This comes on top of the cuts which last year saw Quebec's funding reduced by 30%, Ontario's by 24%, and Alberta only being funded for six months. What worries people most is that the cuts are going to be to the programmes which focus on prevention to those people considered to be most at risk; intravenous drug users, prisoners and gay men. While nobody is arguing that funding research to develop a vaccine to prevent HIV/AIDS is a bad thing, taking money away from programming aimed at preventing the immediate spread of the disease to do so is dangerous and irresponsible.

So why is Steven Harper's government doing this? Well in the last election he ran on a platform that included a promise to try and repeal Canada's same sex marriage law, and once elected cancelled the previous government's plans at decriminalizing marijuana. If that doesn't give you some idea of this government's mindset, how about this quote from our honourable Prime Minister when it came to the question of harm reduction among addicts: "If you remain an addict, I don't care how much harm you reduce, you're going to have a short and miserable life."

This is the same government that is doing it's best to manipulate figures to show that a trial safe injection site in Vancouver British Columbia has led to more people using intravenous drugs and has caused more harm than good. The actual truth of the matter is that every time a person shoots up on their own in a controlled environment they will not be sharing a needle and not risking the spread of disease to anyone else. There is also statistical evidence that intravenous drug users who come to safe injection sites or needle exchanges are far more likely to enter into treatment programmes than people who don't, as they are in constant contact with people who will help and encourage them to rehabilitate.

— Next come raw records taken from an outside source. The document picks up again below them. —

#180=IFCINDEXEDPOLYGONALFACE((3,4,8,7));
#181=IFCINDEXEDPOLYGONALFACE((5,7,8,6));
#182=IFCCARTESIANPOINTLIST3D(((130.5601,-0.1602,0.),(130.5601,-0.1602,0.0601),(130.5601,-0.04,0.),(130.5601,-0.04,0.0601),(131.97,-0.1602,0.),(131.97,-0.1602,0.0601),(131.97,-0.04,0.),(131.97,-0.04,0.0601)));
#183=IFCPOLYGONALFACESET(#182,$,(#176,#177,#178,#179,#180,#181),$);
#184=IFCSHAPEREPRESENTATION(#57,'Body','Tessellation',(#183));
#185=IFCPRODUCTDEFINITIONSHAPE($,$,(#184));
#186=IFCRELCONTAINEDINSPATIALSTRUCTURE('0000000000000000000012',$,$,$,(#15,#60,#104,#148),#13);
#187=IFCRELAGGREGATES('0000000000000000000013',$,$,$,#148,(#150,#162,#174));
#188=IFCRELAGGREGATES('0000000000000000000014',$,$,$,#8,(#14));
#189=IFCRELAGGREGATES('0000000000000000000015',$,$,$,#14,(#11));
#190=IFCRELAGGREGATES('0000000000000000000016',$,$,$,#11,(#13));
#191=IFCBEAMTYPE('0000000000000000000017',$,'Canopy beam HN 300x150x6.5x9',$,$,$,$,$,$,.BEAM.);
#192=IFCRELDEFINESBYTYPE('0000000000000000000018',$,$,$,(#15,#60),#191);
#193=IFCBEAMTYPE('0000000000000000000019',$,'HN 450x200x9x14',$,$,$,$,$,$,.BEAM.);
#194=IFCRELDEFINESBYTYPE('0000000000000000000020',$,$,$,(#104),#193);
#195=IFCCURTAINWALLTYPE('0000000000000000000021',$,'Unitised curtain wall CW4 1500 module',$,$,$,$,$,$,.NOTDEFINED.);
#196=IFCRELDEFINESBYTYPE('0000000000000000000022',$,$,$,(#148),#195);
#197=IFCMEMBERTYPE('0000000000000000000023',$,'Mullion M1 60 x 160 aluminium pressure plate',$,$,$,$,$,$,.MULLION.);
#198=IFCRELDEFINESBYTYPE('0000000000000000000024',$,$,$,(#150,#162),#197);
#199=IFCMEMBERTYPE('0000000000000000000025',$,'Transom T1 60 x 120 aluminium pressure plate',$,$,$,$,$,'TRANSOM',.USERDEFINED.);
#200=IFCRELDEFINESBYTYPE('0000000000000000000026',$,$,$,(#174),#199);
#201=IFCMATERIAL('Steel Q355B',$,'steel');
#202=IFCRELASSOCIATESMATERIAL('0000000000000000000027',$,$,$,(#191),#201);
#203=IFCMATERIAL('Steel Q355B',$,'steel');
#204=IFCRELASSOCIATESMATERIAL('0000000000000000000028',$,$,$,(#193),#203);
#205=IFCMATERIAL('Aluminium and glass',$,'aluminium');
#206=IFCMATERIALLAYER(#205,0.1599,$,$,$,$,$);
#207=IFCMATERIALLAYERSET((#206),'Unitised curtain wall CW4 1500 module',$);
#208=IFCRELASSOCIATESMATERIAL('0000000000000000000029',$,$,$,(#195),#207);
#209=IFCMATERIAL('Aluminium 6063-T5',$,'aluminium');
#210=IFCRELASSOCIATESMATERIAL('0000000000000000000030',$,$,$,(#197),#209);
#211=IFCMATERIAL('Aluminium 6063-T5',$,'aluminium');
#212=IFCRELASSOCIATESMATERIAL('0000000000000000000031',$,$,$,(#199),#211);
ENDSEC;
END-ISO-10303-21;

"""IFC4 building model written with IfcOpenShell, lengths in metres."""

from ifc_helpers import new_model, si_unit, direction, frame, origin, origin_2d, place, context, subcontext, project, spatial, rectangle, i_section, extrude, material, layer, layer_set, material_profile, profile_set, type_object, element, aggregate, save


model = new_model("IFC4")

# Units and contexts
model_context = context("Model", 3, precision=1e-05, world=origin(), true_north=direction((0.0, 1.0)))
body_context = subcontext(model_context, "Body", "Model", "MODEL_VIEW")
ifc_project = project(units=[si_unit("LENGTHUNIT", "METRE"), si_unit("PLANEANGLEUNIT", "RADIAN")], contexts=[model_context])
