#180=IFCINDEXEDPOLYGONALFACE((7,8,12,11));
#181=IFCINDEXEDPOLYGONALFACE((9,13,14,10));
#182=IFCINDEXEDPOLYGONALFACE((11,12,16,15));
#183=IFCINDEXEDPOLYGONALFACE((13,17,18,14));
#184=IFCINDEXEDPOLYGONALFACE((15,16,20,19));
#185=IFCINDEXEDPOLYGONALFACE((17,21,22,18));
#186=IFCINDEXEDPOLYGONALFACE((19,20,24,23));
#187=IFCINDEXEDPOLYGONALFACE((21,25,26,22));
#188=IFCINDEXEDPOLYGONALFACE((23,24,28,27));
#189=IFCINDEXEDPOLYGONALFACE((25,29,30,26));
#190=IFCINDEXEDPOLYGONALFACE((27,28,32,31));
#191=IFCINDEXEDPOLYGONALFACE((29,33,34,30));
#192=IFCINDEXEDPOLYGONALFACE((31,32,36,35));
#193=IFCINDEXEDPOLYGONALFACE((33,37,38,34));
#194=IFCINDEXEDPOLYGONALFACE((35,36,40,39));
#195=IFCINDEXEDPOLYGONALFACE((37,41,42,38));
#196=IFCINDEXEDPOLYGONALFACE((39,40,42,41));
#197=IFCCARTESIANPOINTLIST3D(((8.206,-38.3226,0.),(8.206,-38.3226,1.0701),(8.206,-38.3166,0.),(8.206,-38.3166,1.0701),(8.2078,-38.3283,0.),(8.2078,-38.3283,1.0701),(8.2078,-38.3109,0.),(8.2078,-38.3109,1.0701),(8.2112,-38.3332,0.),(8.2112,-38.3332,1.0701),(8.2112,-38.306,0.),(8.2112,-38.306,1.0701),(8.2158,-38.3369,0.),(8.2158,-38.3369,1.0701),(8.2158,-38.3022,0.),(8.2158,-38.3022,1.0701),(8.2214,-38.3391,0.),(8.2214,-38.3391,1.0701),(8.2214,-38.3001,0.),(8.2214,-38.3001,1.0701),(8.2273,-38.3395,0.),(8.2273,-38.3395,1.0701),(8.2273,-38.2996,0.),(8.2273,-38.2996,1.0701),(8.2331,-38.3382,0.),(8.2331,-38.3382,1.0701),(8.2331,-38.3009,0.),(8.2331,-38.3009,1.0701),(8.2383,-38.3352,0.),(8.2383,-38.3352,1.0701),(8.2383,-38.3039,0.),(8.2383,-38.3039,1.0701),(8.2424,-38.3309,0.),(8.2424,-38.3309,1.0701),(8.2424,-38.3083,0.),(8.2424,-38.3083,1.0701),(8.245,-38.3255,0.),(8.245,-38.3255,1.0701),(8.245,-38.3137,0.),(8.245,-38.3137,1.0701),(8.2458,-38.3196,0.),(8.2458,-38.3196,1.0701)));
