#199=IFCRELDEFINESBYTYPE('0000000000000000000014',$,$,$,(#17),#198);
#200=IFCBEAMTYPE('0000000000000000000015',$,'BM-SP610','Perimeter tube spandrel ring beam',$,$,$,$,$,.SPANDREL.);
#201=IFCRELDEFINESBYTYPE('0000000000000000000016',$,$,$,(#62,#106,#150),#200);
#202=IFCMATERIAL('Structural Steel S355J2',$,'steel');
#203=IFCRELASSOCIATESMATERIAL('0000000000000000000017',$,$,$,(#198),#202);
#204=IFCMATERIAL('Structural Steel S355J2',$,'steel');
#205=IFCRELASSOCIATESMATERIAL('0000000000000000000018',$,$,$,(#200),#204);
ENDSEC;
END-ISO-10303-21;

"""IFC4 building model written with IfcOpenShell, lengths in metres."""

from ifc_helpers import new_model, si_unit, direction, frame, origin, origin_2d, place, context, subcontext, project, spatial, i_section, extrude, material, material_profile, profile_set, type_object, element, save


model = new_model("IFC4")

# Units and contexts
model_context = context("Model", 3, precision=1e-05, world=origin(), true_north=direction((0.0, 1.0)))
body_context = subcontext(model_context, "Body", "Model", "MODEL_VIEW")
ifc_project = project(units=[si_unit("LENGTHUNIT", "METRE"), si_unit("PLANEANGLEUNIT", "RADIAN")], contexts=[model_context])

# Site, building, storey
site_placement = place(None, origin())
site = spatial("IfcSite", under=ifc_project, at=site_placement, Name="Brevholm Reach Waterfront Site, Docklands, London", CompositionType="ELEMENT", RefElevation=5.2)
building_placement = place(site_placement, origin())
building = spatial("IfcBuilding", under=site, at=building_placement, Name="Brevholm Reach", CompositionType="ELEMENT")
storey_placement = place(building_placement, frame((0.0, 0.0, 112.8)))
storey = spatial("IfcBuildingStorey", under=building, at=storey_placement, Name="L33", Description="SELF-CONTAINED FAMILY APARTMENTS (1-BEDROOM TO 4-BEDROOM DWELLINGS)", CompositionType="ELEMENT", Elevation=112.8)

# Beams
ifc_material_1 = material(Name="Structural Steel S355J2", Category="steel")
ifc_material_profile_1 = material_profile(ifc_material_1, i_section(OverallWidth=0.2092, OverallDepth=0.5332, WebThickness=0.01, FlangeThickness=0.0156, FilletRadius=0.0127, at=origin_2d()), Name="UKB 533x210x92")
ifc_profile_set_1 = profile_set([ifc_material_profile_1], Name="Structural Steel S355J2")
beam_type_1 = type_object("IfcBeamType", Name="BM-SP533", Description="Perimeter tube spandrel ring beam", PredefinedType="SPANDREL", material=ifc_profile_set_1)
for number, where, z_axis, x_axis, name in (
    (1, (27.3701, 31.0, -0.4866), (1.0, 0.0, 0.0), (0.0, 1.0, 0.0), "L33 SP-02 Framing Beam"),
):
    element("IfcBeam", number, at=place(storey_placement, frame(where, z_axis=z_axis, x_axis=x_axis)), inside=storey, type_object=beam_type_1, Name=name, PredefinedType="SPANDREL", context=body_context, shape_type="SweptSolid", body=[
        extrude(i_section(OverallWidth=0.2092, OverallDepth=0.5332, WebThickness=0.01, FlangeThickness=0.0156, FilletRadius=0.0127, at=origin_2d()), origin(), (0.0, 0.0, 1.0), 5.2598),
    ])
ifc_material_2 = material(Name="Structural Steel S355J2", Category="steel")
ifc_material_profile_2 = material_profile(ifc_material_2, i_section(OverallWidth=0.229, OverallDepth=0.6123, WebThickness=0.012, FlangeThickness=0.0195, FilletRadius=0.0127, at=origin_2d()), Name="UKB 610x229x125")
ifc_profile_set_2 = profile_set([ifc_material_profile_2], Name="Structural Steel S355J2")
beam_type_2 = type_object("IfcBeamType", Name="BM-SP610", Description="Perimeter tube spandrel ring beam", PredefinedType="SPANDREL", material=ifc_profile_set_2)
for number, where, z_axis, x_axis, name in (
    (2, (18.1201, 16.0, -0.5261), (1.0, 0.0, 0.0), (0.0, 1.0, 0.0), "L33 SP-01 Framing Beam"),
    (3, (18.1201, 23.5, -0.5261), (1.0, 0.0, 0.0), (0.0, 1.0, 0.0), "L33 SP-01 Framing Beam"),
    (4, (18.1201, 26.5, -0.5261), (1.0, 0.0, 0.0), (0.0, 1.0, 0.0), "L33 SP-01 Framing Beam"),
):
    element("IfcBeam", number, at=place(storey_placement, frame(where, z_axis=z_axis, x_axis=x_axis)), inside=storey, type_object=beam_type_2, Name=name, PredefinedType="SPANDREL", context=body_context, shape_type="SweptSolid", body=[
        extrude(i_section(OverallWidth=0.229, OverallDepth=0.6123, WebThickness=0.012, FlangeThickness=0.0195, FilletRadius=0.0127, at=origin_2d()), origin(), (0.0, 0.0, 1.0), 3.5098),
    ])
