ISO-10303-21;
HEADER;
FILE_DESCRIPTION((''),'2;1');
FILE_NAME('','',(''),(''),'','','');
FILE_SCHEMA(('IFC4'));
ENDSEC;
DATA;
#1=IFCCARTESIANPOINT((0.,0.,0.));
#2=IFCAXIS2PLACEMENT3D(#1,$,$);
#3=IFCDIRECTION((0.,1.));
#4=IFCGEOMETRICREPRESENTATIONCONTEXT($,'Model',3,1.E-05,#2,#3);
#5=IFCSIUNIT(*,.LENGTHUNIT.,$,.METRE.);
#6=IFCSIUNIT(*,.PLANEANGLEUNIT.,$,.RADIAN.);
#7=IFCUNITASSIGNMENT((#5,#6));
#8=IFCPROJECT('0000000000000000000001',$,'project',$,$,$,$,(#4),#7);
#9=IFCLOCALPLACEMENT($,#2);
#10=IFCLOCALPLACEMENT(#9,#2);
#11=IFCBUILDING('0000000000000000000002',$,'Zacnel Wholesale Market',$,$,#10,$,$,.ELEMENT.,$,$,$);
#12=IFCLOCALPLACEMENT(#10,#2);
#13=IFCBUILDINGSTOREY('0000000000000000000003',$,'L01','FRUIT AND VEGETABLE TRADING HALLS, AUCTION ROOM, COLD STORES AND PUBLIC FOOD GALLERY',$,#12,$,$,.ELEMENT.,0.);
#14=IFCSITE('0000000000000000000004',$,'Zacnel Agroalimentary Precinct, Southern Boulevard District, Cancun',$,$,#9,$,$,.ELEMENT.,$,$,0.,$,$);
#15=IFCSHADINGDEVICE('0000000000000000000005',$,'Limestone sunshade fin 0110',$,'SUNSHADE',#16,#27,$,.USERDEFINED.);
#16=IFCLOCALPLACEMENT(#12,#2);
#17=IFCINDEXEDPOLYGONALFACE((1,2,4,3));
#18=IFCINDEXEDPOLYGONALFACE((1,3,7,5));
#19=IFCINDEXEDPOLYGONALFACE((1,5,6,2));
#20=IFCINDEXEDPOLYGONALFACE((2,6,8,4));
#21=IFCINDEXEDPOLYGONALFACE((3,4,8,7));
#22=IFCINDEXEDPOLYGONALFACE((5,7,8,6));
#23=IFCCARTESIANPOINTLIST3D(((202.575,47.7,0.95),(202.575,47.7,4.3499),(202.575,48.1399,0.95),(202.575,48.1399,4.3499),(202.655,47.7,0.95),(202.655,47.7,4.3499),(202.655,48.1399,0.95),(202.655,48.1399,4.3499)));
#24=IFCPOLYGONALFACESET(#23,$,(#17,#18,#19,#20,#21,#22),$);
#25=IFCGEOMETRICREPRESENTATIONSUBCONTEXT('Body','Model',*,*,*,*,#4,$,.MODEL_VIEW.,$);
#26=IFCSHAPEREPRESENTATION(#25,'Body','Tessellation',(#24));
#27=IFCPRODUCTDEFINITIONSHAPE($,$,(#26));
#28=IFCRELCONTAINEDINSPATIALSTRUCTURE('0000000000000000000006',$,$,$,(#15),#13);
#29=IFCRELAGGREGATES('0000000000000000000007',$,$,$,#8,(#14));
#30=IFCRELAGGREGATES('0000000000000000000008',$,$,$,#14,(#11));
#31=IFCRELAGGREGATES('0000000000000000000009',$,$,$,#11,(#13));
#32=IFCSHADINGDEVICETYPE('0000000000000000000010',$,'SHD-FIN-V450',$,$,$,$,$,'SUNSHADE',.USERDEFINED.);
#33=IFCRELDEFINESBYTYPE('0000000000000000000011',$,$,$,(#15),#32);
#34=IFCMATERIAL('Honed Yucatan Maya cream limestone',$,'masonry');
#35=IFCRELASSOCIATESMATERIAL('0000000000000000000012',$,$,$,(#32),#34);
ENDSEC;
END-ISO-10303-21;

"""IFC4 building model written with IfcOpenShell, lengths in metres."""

from ifc_helpers import new_model, si_unit, direction, frame, origin, origin_2d, place, context, subcontext, project, spatial, rectangle, extrude, material, type_object, element, save


model = new_model("IFC4")

# Units and contexts
model_context = context("Model", 3, precision=1e-05, world=origin(), true_north=direction((0.0, 1.0)))
body_context = subcontext(model_context, "Body", "Model", "MODEL_VIEW")
ifc_project = project(units=[si_unit("LENGTHUNIT", "METRE"), si_unit("PLANEANGLEUNIT", "RADIAN")], contexts=[model_context])

# Site, building, storey
site_placement = place(None, origin())
site = spatial("IfcSite", under=ifc_project, at=site_placement, Name="Zacnel Agroalimentary Precinct, Southern Boulevard District, Cancun", CompositionType="ELEMENT", RefElevation=0.0)
building_placement = place(site_placement, origin())
building = spatial("IfcBuilding", under=site, at=building_placement, Name="Zacnel Wholesale Market", CompositionType="ELEMENT")
storey_placement = place(building_placement, origin())
storey = spatial("IfcBuildingStorey", under=building, at=storey_placement, Name="L01", Description="FRUIT AND VEGETABLE TRADING HALLS, AUCTION ROOM, COLD STORES AND PUBLIC FOOD GALLERY", CompositionType="ELEMENT", Elevation=0.0)

# Shading device
ifc_material_1 = material(Name="Honed Yucatan Maya cream limestone", Category="masonry")
shading_device_type = type_object("IfcShadingDeviceType", Name="SHD-FIN-V450", ElementType="SUNSHADE", PredefinedType="USERDEFINED", material=ifc_material_1)
for number, where, z_axis, x_axis, name in (
    (1, (202.615, 47.9199, 0.95), (0.0, 0.0, 1.0), (1.0, 0.0, 0.0), "Limestone sunshade fin 0110"),
):
    element("IfcShadingDevice", number, at=place(storey_placement, frame(where, z_axis=z_axis, x_axis=x_axis)), inside=storey, type_object=shading_device_type, Name=name, ObjectType="SUNSHADE", PredefinedType="USERDEFINED", context=body_context, shape_type="SweptSolid", body=[
        extrude(rectangle(XDim=0.0801, YDim=0.4399, at=origin_2d()), origin(), (0.0, 0.0, 1.0), 3.3999),
    ])

save(model, "model.ifc")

Logic, reason, and statistical evidence all point towards spending money on programmes geared towards preventing the spread of HIV/AIDS is currently the most efficient and effective means we have of controlling the disease. All the statistical evidence points to the fact that needle exchanges, safe injection sites, and the use of condoms are the most effective preventative measures going, therefore it only makes sense that those are means we should be using to prevent the spread of the disease.

Unfortunately it seems that logic, reason, and statistical evidence mean nothing to people like the Prime Minister of Canada and his fellow travellers. It's obviously much more important for them to impose their morality on the rest of us, no matter how many people they kill in the process.

References to statistical evidence in this article are supported by the work of epidemiologist Elizabeth Pisani's work as sited in her book The Wisdom Of Whores. You can find a listing of all her references at the reference page of her Wisdom Of Whores web site.

May 8, 2008

Book Review: The Wisdom Of Whores Elizabeth Pisani

It's close to thirty years ago since British rocker Ian Drury had a hit with the song "Sex And Drugs And Rock And Roll". Somehow or other nobody had strung the three together in quite the catchy way he had before, and his little ditty's title caught more then a few people's imaginations. In those innocent days prior to AIDS and the "War On Drugs", it became the catch phrase of choice for a great many people to sum up what they needed to make them happy. That Drury might have been satirizing the rock star image with his song was lost on ninety per cent of his audience, who had latched onto the title as a lifestyle definition.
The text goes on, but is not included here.